Abstract:3D pose transfer that aims to transfer the desired pose to a target mesh is one of the most challenging 3D generation tasks. Previous attempts rely on well-defined parametric human models or skeletal joints as driving pose sources. However, to obtain those clean pose sources, cumbersome but necessary pre-processing pipelines are inevitable, hindering implementations of the real-time applications. This work is driven by the intuition that the robustness of the model can be enhanced by introducing adversarial samples into the training, leading to a more invulnerable model to the noisy inputs, which even can be further extended to directly handling the real-world data like raw point clouds/scans without intermediate processing. Furthermore, we propose a novel 3D pose Masked Autoencoder (3D-PoseMAE), a customized MAE that effectively learns 3D extrinsic presentations (i.e., pose). 3D-PoseMAE facilitates learning from the aspect of extrinsic attributes by simultaneously generating adversarial samples that perturb the model and learning the arbitrary raw noisy poses via a multi-scale masking strategy. Both qualitative and quantitative studies show that the transferred meshes given by our network result in much better quality. Besides, we demonstrate the strong generalizability of our method on various poses, different domains, and even raw scans. Experimental results also show meaningful insights that the intermediate adversarial samples generated in the training can successfully attack the existing pose transfer models.
What problem does this paper attempt to address?
### Problems Addressed by the Paper
This paper aims to address the robustness issue in 3D pose transfer tasks. Specifically, existing 3D pose transfer methods rely on clean and well-defined parameterized human models or skeletal joints as the driving pose source, which requires cumbersome but necessary preprocessing steps, limiting the realization of real-time applications. This paper enhances the model's robustness and generalization ability by introducing adversarial learning, enabling the model to directly handle noisy input data and even raw point cloud or scan data without intermediate processing steps.
### Main Contributions
1. **Solution to Robustness Issue**:
- This paper is the first to attempt to solve the robustness issue in 3D pose transfer from the perspective of adversarial learning.
- A new research method is proposed, which simulates noisy input and even raw scan data through generating adversarial samples, achieving end-to-end pose transfer on raw point clouds and scan data.
2. **Adversarial Learning Framework**:
- An adversarial learning framework specifically tailored for 3D pose transfer tasks is introduced, including a new Pose Transfer (PT) adversarial function and a method for real-time calculation of adversarial samples during backpropagation.
- This is the first time that real-time calculation of adversarial samples has been achieved in a 3D generative deep learning pipeline.

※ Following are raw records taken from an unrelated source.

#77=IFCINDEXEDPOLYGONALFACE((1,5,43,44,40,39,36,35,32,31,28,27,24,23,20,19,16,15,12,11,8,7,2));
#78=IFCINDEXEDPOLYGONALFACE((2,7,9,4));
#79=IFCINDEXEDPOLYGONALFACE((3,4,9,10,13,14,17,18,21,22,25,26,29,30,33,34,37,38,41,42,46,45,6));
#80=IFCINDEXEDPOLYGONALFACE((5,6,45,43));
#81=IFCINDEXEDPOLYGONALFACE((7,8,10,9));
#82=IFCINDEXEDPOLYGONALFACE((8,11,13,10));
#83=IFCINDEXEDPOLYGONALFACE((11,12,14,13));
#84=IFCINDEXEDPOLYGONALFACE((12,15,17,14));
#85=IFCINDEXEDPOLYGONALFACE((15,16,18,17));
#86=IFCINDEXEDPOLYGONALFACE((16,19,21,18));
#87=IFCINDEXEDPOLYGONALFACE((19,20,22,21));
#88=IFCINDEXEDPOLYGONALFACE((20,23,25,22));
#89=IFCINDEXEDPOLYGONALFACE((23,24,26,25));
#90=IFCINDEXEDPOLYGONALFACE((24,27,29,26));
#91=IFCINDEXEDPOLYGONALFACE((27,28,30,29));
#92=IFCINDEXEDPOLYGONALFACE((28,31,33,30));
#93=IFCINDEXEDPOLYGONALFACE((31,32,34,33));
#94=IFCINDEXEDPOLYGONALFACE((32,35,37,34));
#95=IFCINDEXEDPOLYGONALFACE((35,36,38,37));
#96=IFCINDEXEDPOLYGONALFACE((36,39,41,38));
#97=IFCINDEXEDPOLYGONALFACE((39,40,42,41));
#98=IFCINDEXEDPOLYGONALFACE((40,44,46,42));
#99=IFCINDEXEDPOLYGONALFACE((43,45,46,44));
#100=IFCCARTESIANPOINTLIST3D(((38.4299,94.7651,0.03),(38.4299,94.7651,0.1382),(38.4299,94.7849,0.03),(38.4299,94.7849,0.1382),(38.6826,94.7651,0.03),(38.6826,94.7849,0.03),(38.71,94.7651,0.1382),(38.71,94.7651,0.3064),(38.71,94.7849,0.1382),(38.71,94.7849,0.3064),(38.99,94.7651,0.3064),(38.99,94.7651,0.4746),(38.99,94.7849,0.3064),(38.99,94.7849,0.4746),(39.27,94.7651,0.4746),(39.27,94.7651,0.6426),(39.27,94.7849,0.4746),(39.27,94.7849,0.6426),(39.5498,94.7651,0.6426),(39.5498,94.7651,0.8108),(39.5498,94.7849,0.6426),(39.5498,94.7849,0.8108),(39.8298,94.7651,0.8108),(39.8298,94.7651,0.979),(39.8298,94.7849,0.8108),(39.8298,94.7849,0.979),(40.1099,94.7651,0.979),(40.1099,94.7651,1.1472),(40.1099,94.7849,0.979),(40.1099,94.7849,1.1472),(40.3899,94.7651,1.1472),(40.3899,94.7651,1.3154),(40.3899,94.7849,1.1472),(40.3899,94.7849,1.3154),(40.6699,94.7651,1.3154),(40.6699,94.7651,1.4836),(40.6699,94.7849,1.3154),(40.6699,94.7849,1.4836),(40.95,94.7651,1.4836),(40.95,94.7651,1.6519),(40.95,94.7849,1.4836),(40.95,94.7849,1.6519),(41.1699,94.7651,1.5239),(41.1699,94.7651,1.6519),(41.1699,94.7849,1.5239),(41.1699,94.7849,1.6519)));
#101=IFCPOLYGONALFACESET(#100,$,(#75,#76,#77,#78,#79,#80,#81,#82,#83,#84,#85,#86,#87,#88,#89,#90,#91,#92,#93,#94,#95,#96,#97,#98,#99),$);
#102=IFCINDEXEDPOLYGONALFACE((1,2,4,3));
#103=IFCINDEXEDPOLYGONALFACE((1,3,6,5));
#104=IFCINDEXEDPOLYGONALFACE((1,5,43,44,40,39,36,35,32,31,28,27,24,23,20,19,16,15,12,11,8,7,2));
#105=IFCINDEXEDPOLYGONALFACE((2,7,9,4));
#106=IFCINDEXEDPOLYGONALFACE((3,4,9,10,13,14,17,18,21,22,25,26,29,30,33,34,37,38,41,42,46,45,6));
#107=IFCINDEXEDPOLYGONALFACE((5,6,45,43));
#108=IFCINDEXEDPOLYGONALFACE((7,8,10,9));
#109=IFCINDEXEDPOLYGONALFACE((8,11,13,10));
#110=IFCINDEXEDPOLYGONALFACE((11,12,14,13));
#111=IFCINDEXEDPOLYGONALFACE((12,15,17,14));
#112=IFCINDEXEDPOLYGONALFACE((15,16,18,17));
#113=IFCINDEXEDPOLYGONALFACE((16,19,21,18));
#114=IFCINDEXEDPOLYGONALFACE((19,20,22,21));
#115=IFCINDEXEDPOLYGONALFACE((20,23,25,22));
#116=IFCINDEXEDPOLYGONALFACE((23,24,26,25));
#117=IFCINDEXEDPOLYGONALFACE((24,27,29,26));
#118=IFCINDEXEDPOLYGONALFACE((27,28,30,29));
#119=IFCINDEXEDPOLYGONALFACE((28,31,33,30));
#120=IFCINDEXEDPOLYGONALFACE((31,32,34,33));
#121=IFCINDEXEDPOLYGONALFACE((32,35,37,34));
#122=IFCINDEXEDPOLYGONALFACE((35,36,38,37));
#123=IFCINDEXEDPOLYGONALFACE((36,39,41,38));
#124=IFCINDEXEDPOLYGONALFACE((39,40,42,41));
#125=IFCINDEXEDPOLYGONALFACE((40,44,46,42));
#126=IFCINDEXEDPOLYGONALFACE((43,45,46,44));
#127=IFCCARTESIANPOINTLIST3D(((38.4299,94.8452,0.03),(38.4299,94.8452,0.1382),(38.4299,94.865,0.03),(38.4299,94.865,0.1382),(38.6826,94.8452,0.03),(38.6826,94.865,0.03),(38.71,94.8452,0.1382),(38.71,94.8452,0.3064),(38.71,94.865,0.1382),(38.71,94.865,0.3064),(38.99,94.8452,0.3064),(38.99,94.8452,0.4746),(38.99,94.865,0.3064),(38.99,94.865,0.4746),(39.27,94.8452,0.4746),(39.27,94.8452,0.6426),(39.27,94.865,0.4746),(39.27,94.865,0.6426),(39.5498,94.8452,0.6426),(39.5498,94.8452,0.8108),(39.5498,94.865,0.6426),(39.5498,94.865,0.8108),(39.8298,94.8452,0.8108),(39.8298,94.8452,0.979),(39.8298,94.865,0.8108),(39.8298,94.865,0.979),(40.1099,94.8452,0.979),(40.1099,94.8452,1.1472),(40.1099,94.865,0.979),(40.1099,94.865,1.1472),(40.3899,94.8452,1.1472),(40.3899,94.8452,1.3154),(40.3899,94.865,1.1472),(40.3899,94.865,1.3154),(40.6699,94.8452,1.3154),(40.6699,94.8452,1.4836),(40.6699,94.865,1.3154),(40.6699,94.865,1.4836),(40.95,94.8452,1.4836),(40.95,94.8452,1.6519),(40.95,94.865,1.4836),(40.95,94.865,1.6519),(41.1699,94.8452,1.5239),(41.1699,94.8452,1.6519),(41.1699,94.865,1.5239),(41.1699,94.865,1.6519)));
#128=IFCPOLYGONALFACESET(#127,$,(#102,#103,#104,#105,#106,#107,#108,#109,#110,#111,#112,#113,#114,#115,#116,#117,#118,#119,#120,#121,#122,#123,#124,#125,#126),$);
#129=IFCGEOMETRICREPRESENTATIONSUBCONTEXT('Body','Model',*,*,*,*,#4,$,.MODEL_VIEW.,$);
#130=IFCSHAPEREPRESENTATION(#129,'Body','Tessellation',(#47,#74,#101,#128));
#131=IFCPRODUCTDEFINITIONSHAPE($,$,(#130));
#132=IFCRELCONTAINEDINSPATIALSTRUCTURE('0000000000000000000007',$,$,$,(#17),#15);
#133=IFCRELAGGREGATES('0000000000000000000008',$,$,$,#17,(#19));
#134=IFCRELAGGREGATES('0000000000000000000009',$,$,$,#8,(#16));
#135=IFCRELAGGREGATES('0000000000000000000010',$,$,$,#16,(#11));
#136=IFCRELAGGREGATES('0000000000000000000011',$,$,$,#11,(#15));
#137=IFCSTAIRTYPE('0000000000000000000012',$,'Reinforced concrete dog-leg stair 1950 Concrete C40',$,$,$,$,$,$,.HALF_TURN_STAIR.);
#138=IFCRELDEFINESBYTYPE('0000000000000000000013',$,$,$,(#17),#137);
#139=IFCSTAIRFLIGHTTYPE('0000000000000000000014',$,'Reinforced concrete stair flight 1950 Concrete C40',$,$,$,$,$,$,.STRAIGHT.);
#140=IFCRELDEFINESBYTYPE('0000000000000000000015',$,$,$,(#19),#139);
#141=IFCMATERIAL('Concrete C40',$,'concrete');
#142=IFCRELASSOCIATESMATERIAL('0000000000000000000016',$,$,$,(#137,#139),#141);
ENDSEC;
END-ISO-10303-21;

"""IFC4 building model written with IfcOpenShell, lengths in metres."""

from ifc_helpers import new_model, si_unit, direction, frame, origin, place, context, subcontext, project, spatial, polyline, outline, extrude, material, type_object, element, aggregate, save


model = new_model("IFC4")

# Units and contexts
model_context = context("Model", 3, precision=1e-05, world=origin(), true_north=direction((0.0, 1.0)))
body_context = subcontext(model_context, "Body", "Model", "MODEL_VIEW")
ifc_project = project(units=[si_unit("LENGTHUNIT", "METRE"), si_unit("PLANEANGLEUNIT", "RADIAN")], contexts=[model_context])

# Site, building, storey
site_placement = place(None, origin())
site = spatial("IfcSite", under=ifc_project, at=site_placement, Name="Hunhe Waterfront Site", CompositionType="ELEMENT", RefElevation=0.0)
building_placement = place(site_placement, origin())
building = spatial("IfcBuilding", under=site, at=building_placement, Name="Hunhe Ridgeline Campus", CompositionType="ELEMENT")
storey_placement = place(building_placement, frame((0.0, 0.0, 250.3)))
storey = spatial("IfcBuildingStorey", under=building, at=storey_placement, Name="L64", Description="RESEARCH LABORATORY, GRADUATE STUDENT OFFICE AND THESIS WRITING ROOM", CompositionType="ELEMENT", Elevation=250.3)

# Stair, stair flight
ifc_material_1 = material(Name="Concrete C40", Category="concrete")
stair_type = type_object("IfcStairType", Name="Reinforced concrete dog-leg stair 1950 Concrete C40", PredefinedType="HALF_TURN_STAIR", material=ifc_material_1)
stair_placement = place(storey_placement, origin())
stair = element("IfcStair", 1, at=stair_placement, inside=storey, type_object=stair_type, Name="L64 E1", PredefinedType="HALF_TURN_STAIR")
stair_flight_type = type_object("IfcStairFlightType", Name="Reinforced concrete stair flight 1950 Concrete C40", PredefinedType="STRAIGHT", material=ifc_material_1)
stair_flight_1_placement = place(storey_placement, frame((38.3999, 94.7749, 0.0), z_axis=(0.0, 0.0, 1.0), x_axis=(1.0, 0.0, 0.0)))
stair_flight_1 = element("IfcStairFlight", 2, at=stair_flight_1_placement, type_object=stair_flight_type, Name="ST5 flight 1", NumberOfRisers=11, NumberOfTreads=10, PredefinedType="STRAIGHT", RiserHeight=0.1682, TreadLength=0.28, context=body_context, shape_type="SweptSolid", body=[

3. **3D-PoseMAE Architecture**:
- A novel architecture based on Masked Autoencoder (MAE) called 3D-PoseMAE is proposed, which captures extrinsic attributes (i.e., poses) through multi-scale masking strategies and progressive channel attention operations.
- 3D-PoseMAE demonstrates excellent computational efficiency and generative capability.
4. **Experimental Results**:
- Extensive experiments were conducted on multiple datasets and data sources, showing that the proposed method has significant robustness and generalization ability when handling noisy input and real-world noisy raw scan data.
- The code will be publicly released.
### Method Overview
1. **Adversarial Sample Generation**:
- The 3D-PoseMAE model is used in evaluation mode to obtain the gradient of the data, generating perturbations to the mesh through the output gradient, thereby creating adversarial samples.
- Adversarial samples are used for adversarial training to enhance the model's robustness.
2. **3D-PoseMAE Network Architecture**:
- **Multi-Scale Masked 3D Encoder**: The input point cloud is divided into multiple scales, and through random downsampling and masking operations, the model is driven to learn the same extrinsic attributes in different scale representations.
- **3D-PoseMAE Decoder**: Adopts a channel attention mechanism, integrating pose and target information more compactly through progressive channel attention operations, avoiding redundant spatial information.
3. **Optimization Objective**:
- A complete optimization objective function is defined, including reconstruction loss and edge loss.
4. **Adversarial Training**:
- A new pose transfer adversarial function is constructed by minimizing the distance between the generated result and the real mesh.
- Adversarial samples are generated using methods such as PGD and used for adversarial training to enhance the model's robustness.
### Experimental Validation
- **Quantitative Evaluation**: Quantitative evaluations were conducted on the SMPL-NPT and FAUST datasets, demonstrating the model's performance in handling clean samples and adversarial samples.
- **Qualitative Visualization**: Showcased the model's strong generalization ability in handling new poses and new identities, as well as the generated adversarial samples.
- **Ablation Study**: Evaluated the effectiveness of each component, verifying the method's effectiveness.
In summary, this paper significantly improves the robustness and generalization ability of 3D pose transfer tasks by introducing adversarial learning and the 3D-PoseMAE architecture.